# Seeking help to move to US



## arjunjswl9 (Jun 6, 2014)

Hey all,

I'm an Indian citizen who is aiming for settling in US in future. I want to immigrate to US on job-basis. I have around 4.5 years of experience in Information Technology in Indian companies. I just want to mint a career path to get a job in US and get settled there. I would like to have your valuable suggestions which can suggest best possible ways to move to US.

P.S.
I also have my father's elder brother living in US and is a US citizen. Please suggest me if that can be of any help. I don't have money to support any education, so I cannot go on student visa.

Thanks,
Arjun


----------



## twostep (Apr 3, 2008)

Nothing has changed since you last posted this question.


----------



## arjunjswl9 (Jun 6, 2014)

I have posted this thread again as I did not get any helpful answer earlier. Thanks twostep for reminding me that, but I would have really appreciated if you would have provided some meaningful input.


----------



## Bevdeforges (Nov 16, 2007)

Unfortunately, there isn't much to be done.
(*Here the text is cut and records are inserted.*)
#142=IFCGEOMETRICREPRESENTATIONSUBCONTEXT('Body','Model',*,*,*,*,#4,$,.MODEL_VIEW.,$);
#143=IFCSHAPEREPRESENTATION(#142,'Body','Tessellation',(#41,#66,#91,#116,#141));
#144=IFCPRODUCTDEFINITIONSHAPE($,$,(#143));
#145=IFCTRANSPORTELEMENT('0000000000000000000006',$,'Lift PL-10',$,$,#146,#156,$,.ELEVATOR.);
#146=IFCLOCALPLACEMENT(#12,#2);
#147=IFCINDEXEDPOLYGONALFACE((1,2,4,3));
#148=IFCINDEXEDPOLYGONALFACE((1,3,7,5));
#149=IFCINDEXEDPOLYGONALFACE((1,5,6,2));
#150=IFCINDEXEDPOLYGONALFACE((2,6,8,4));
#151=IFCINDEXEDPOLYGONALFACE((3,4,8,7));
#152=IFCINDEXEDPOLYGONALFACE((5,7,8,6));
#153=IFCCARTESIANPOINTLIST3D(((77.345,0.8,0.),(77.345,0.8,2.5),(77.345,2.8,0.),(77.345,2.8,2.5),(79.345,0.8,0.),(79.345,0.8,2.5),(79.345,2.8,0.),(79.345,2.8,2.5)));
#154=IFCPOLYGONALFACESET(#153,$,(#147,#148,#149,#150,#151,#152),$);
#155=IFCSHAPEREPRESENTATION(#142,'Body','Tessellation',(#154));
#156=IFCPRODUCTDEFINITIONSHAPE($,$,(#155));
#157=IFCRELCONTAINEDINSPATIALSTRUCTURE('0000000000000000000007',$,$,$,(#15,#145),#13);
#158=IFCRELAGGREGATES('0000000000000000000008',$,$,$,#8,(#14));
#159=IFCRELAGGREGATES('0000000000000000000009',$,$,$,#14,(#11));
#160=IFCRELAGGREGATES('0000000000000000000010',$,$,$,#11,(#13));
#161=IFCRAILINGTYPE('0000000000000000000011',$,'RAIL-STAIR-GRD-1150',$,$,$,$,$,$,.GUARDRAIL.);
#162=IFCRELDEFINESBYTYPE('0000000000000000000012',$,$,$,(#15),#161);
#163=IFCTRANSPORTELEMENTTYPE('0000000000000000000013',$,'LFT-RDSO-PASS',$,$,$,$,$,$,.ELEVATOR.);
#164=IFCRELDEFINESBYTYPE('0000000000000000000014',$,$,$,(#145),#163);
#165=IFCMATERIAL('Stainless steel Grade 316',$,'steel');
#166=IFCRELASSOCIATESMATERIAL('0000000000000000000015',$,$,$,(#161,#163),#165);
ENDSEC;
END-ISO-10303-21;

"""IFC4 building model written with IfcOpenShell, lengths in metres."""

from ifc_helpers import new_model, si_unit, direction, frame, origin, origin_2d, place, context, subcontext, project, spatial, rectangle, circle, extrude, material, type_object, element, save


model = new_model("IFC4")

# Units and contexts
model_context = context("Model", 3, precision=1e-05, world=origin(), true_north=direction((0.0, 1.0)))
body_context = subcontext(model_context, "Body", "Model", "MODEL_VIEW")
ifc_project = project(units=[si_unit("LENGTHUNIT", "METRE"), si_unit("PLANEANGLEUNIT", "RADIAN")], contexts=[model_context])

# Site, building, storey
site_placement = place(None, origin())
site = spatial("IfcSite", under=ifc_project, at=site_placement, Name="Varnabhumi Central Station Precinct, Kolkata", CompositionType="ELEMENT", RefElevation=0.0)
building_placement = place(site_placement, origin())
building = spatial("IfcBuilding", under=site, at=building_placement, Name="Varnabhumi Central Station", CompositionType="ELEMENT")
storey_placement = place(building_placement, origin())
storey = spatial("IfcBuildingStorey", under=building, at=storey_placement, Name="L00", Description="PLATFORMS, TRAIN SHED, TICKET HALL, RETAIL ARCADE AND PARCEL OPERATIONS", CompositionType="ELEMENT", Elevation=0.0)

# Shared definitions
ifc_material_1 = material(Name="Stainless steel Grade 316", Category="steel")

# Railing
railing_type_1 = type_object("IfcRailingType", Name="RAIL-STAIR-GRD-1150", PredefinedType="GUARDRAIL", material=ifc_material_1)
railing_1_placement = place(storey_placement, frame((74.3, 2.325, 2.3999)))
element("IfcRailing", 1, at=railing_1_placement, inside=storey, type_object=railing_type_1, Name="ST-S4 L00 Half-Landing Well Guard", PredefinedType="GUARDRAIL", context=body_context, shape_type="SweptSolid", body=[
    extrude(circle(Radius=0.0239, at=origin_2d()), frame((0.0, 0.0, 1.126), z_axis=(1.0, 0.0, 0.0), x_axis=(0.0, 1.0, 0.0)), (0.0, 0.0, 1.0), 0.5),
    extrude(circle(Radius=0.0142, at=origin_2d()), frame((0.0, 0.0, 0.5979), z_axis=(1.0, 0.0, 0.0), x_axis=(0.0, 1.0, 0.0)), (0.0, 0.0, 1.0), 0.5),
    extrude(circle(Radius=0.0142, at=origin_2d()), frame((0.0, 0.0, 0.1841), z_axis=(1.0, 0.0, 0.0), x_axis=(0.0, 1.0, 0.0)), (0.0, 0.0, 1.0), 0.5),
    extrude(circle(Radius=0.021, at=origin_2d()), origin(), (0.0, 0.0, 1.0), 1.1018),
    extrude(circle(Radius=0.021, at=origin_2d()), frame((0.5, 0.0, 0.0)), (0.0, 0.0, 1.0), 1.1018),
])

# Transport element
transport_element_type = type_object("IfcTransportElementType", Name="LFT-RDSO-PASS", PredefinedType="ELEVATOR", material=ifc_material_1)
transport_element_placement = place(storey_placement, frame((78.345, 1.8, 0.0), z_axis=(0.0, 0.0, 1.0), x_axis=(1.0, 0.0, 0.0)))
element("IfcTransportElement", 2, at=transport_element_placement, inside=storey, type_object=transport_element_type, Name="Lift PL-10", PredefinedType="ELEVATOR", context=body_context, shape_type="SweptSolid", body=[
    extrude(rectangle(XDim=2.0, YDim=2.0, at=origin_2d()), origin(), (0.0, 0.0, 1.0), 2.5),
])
Your uncle in the US can't help you. Visa sponsorship has to be a "direct" family member - i.e. parent or adult child or a sibling, though a brother or sister sponsor puts you in 4th preference and the wait can be many years.

Plus, there is hardly a shortage of IT people in the US these days. Unless you have some unique experience or skill set, your chances of finding a job where the employer can and will sponsor you for a visa is a crap shoot at best. 

You want to be particularly careful of "agencies" that claim they can get you an H1B job, as these are mostly scams. You'd do better to try and find a job with a large international company with offices in your current place of residence and then try to distinguish yourself to the extent that you might become eligible for an inter-company transfer to the US. It's a long-term project, to be sure.
Cheers,
Bev


----------



## arjunjswl9 (Jun 6, 2014)

Thanks for that discouraging reply Bev...but I wanted to get some help regarding moving there and not to how not to move there...if you can't help then please keep your meaningless suggestions to yourself as I'm already working in a US top notch company here...don't need your special advice..and as far as my aim goes...il definitely achieve it no matter what it takes or how much time it takes. I would appreciate someone with good experience and suggestions that would helpe rather than showing negative factors.


----------



## Bellthorpe (Jun 23, 2013)

You're certainly doing your best to ensure that even if someone did have some bright ideas they would not offer them. 

Seeing that all the advice offered, in this thread and the last has been sound and factual, what are you expecting? Someone to lie to you to make you feel better? The reality is that you have very little experience, and it's very unlikely that a US employer would feel a need to employ you instead of the guy around the corner with 10-15 years of experience, knowledge of US practices and mores, who could start tomorrow with no fuss and no visa issues. This is not disrespect, it's reality. You might be a very nice person (although your two posts above do not confirm this), but why would you *stand out *to a US employer? What is it about you that makes you an *exceptional* candidate?

Perhaps it's because, as you have said in your last post, you have determination. You will achieve your aim of getting to the US no matter what. Or Canada. Or New Zealand. Wow, that certainly shows focus!


----------



## twostep (Apr 3, 2008)

arjunjswl9 said:


> I have posted this thread again as I did not get any helpful answer earlier. Thanks twostep for reminding me that, but I would have really appreciated if you would have provided some meaningful input.


uscis.gov gives you all the meaningful input there is. 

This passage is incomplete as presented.